What the fuck had I been doing wrong in this class? Why didn’t I get to swear off my medication like this girl? I had only wished deep breathing and twisting my fingers on my lap and chanting vowel-sounds and other nonsensical phrases would wish away my bipolar disorder. It didn’t. I even went two weeks this semester unmedicated, you know—because of self sabotage or whatever—and I couldn’t even make it out of my apartment to class. I was too busy crying off the side of my bed and yelling at the garbage trucks below my window. Is everyone else’s mental illness that easily dismissed?

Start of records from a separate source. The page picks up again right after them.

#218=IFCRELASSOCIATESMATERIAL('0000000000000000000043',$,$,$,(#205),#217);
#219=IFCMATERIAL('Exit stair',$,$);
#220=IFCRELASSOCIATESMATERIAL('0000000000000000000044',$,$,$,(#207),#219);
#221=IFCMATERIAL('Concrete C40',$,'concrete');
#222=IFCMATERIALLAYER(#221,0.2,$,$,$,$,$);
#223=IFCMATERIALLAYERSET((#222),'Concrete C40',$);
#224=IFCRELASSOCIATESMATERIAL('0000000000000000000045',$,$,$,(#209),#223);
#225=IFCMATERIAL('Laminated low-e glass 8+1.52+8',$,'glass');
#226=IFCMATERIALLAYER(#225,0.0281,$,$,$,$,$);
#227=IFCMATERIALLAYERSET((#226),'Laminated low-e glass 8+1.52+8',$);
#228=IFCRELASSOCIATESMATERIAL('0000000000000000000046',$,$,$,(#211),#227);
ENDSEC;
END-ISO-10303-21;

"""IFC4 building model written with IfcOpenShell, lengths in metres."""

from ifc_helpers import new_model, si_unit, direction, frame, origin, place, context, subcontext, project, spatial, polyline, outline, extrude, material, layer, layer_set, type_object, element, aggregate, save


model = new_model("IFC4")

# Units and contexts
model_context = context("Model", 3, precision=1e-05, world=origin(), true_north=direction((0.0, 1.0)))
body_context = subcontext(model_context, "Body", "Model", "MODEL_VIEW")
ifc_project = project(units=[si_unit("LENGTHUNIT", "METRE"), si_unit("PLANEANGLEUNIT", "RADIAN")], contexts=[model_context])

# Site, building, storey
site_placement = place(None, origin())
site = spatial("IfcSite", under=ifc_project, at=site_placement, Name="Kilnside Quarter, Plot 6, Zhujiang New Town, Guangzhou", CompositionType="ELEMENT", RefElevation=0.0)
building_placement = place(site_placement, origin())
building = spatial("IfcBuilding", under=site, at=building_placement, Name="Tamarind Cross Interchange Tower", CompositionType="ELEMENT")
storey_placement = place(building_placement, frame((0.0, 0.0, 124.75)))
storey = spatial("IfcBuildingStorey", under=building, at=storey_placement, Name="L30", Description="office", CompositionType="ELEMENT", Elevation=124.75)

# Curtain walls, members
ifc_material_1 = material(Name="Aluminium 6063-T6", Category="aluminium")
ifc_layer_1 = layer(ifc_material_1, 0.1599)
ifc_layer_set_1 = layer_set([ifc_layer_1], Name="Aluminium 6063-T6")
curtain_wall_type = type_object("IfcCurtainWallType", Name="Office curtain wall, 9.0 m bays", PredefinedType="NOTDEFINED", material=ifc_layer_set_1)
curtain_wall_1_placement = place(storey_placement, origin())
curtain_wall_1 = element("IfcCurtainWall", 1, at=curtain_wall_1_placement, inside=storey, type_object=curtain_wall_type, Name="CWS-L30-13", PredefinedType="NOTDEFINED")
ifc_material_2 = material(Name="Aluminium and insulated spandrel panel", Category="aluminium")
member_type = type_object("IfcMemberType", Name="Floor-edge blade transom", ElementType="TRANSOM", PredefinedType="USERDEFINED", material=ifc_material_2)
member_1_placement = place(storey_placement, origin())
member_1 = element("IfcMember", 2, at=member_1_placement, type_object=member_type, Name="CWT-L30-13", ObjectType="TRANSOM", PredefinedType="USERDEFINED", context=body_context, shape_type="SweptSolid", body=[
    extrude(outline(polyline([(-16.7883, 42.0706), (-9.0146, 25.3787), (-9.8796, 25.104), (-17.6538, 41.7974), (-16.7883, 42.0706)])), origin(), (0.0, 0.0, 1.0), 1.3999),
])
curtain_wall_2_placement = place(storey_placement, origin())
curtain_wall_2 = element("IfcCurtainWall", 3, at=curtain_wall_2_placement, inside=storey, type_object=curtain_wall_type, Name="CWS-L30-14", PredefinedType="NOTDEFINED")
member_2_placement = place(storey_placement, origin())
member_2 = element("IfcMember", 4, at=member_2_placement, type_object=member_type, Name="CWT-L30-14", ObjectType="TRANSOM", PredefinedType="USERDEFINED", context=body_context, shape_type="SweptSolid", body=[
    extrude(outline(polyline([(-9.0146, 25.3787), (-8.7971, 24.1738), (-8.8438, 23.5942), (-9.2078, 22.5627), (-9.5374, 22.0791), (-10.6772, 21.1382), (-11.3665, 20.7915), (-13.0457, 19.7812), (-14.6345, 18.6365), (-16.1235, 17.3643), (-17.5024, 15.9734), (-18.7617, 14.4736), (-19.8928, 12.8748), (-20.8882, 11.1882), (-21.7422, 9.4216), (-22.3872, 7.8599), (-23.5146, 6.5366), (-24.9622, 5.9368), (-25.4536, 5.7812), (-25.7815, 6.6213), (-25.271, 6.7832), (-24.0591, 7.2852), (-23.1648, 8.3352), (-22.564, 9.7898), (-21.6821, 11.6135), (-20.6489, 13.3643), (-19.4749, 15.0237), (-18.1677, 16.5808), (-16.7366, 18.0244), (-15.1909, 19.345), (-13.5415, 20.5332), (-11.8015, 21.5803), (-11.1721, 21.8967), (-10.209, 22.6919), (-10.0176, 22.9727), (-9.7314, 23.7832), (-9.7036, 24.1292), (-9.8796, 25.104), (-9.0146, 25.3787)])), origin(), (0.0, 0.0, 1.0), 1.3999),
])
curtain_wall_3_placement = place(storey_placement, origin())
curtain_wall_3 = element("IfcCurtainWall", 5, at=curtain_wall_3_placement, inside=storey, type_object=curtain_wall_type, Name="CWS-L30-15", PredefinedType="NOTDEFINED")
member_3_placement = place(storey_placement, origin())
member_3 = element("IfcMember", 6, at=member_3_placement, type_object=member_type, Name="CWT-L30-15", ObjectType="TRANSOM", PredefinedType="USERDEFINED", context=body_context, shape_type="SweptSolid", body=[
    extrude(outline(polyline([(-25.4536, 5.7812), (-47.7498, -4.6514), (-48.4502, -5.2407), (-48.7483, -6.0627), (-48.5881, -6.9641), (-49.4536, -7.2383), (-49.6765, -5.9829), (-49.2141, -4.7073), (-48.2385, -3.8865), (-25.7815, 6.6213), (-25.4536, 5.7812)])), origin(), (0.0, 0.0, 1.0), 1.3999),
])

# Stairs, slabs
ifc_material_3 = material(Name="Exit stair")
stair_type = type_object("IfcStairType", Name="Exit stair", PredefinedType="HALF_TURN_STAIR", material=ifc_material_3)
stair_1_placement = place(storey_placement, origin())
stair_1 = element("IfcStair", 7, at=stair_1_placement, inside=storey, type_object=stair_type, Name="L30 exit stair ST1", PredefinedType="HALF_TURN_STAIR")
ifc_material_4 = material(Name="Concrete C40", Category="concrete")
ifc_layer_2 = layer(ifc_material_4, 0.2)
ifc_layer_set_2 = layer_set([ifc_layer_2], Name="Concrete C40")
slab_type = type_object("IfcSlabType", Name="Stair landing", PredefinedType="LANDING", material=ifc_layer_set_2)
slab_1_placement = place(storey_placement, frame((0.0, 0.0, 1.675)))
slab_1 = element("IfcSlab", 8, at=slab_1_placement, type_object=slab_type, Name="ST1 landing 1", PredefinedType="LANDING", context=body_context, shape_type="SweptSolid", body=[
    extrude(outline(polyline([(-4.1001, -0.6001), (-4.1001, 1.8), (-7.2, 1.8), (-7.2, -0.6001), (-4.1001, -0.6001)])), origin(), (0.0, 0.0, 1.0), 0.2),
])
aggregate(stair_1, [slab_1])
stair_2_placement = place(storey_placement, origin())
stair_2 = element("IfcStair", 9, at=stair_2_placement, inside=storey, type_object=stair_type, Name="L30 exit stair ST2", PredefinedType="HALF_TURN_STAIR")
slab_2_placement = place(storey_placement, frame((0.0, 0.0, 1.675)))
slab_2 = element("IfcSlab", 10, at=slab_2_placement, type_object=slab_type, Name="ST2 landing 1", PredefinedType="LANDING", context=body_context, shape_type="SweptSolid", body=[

Because mine isn’t. Medication is a necessity for me. I need it in order to function. And that’s a big word in my life—function. Bipolar disorder is incurable, completely chemical, and it dominates every facet of my life regardless of whether or not I’m shoving my Lithium prescription down my throat. And regardless of whether or not I’m on a Yoga mat twisting my arms and trying not to let my hair fall out of its bun.

        But we don’t even have to think about it in terms of bipolar. What about other people with depression? Like, depression depression. Depression that can’t be breathed away or depression that doesn’t magically change with the seasons. Statements like Miss Lulu Lemon’s are dangerous. It fosters this idea that with a healthy diet and good exercise, your mental illness can just poof, be gone! I genuinely think she believes that meditation cured her depression, but I don’t genuinely think she had actual clinical depression then in the first place.

        If your mental illness is deep enough and doesn’t disappear by you doing a lap around the track at your local Planet Fitness, you probably need medication. Because this alternative cure of talking a nice stroll in the woods or eating a ball of lettuce is bullshit. If it alleviates symptoms, great. But it’s not going to cure anything—and it certainly didn’t cure my bipolar.

So, if you’re perpetually sad or angry, go get pills. Not the ones from the person in the dorm room over—but legal, prescribed ones. And take Yoga anyways, it was an easy elective.